Right. Before I go any further with this post, I want to make a few things clear so there is no misunderstanding. I am fully supportive of ESA as an organisation, and have nothing but praise and thanks for the ROSETTA team which is working so hard, with limited time, resources and budget, to “spread the word” about the mission and publicise its achievements. I want to say a special and public THANK YOU, AGAIN, to the team responsible for releasing the navcam images of Comet 67P, which have, as they promised us they would, shown us what a bewilderingly exotic and bizarre world 67P is. None have been released for a few days now, but hopefully it’s just a pause while everything is so busy, and we;ll see miore navcams soon, I have nothing but praise and more thanks to the mission’s outreach team which has worked tirelessly, for years, to raise public awareness of and interest in ROSETTA’s historic encounter with 67P through countless cute animations, exciting competitions and attractive, info-packed websites. They’ve done, and continue to do, a fantastic job. The ESA “Comet Chaser” blog is especially good, and much thanks needs to go to everyone working on that.
There is another camera onboard ROSETTA, a much higher resolution one than the navcam called OSIRIS, which has been taking absolutely jaw-droppingly, ass-kickingly incredible images of the surface of 67P – pictures which we are not being allowed to see despite countless appeals from the pro-space community and journalists. And that is now, I’m afraid, becoming nothing short of a disgrace.
Now, before going any further, let’s be clear about this, again. This OSIRIS image hording is nothing to do with ESA. ESA has no say over when, or which, OSIRIS images are shared with the world. But come on, that’s wrong, it just is. ROSETTA is a publicly funded mission – no, it is: we all pay taxes, and our elected Govts have seen fit to hand over some of that tax to ESA, to do cool stuff with, like fly ROSETTA to a comet and take pictures of it, so we all have a stake in the mission, however small – but the public are grudgingly being tossed scraps from the OSIRIS table.
Essentially ESA gave OSIRIS a lift to the comet in a fancy car, which we paid for, and now it’s there OSIRIS is leaning out the window, snapping away like crazy, but keeping its pictures to itself, whilst calling out cruelly “Wow! Look at that! That’s amazing!! Unbelievable!” to all of us working our day jobs, desperate to see the pics, but deprived of them.

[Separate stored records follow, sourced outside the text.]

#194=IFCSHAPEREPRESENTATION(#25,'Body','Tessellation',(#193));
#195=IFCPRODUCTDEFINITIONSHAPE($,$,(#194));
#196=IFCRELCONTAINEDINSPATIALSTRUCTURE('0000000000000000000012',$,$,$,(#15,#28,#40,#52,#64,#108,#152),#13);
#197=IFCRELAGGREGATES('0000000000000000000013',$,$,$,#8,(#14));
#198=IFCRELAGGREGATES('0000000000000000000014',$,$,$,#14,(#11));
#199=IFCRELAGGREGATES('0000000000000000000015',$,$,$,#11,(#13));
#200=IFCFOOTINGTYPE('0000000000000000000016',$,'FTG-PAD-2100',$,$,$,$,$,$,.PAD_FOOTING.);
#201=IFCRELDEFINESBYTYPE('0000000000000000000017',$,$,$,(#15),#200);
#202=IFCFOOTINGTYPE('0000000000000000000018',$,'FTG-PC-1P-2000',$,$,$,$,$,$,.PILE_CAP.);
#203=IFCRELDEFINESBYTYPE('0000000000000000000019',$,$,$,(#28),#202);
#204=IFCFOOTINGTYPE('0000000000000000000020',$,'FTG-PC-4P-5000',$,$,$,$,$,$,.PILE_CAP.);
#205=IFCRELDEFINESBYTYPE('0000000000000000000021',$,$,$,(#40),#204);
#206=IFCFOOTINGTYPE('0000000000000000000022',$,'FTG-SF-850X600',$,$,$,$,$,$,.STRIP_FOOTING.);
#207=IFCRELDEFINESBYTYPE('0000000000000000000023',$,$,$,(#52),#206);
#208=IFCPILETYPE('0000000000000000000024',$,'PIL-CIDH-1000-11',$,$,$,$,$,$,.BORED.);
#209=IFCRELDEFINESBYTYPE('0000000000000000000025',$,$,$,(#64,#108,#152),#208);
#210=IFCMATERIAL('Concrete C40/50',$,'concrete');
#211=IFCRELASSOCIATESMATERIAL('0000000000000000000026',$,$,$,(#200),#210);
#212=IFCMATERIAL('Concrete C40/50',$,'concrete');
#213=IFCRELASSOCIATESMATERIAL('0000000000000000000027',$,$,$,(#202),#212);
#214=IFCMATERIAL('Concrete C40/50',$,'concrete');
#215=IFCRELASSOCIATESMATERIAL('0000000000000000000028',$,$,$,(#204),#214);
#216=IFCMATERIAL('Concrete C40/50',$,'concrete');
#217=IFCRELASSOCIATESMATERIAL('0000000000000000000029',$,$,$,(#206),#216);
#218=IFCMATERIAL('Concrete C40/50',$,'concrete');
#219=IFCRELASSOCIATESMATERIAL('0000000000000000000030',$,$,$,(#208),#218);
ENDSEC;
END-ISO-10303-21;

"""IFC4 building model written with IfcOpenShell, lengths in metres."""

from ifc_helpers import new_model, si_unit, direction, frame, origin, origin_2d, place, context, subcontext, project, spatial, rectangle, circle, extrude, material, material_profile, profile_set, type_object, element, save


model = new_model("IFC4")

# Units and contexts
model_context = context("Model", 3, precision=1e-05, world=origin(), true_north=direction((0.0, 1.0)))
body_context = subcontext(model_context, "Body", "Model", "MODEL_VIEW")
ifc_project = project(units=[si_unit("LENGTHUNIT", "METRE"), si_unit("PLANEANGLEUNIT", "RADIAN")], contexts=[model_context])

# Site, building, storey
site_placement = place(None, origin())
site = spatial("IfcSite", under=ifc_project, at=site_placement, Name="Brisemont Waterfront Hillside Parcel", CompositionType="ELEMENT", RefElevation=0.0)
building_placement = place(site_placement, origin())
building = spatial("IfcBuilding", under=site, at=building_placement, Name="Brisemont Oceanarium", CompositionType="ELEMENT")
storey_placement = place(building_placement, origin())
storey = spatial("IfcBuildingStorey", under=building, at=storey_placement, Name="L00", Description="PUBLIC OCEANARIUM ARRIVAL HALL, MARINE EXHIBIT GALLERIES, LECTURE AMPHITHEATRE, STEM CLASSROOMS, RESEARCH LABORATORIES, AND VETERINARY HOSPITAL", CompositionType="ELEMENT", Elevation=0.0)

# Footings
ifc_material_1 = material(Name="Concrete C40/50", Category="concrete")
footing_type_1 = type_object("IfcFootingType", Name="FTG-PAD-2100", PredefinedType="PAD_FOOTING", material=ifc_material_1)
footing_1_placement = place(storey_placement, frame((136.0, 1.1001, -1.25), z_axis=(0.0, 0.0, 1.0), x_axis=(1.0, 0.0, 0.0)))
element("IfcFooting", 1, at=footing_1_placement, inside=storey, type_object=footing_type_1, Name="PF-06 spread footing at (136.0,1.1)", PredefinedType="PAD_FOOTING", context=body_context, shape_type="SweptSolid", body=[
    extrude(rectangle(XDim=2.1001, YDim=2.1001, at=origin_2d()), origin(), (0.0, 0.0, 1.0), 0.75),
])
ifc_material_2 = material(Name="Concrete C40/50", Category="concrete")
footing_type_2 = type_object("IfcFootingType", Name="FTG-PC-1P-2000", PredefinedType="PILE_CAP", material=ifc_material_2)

Now I’m not stupid, I’m not naive. I know that there are Reasons why we’re not being shown the pictures, and the people sitting on them believe they are good reasons. For a start, the OSIRIS team must be INCREDIBLY busy looking for a safe landing site for Philae next month, so they won’t have time to prepare all their images for release by writing the captions and media blurb that accompany such things. That’s fair enough. Also, there’s no getting away from the fact that the OSIRIS team is “just following the rules”. They’re not obliged to release their images because their archaic agreements with ESA, and ESA’s contributing states, allow them to sit on those images for up to 6 months, giving them time to use them for scientific research before the rest of the world gets their grubby little paws on them. And I can see the sense in that too, because I am that if I was an OSIRIS scientist I would be concerned about people outside of the mission using their data to “do science” with and beat me to announcing discoveries in papers and journals. But no-one is asking for *every* image to be released, just a few. I would never, ever risk a scientist’s career by demanding the release of everything, that would be foolish and selfish and unrealistic.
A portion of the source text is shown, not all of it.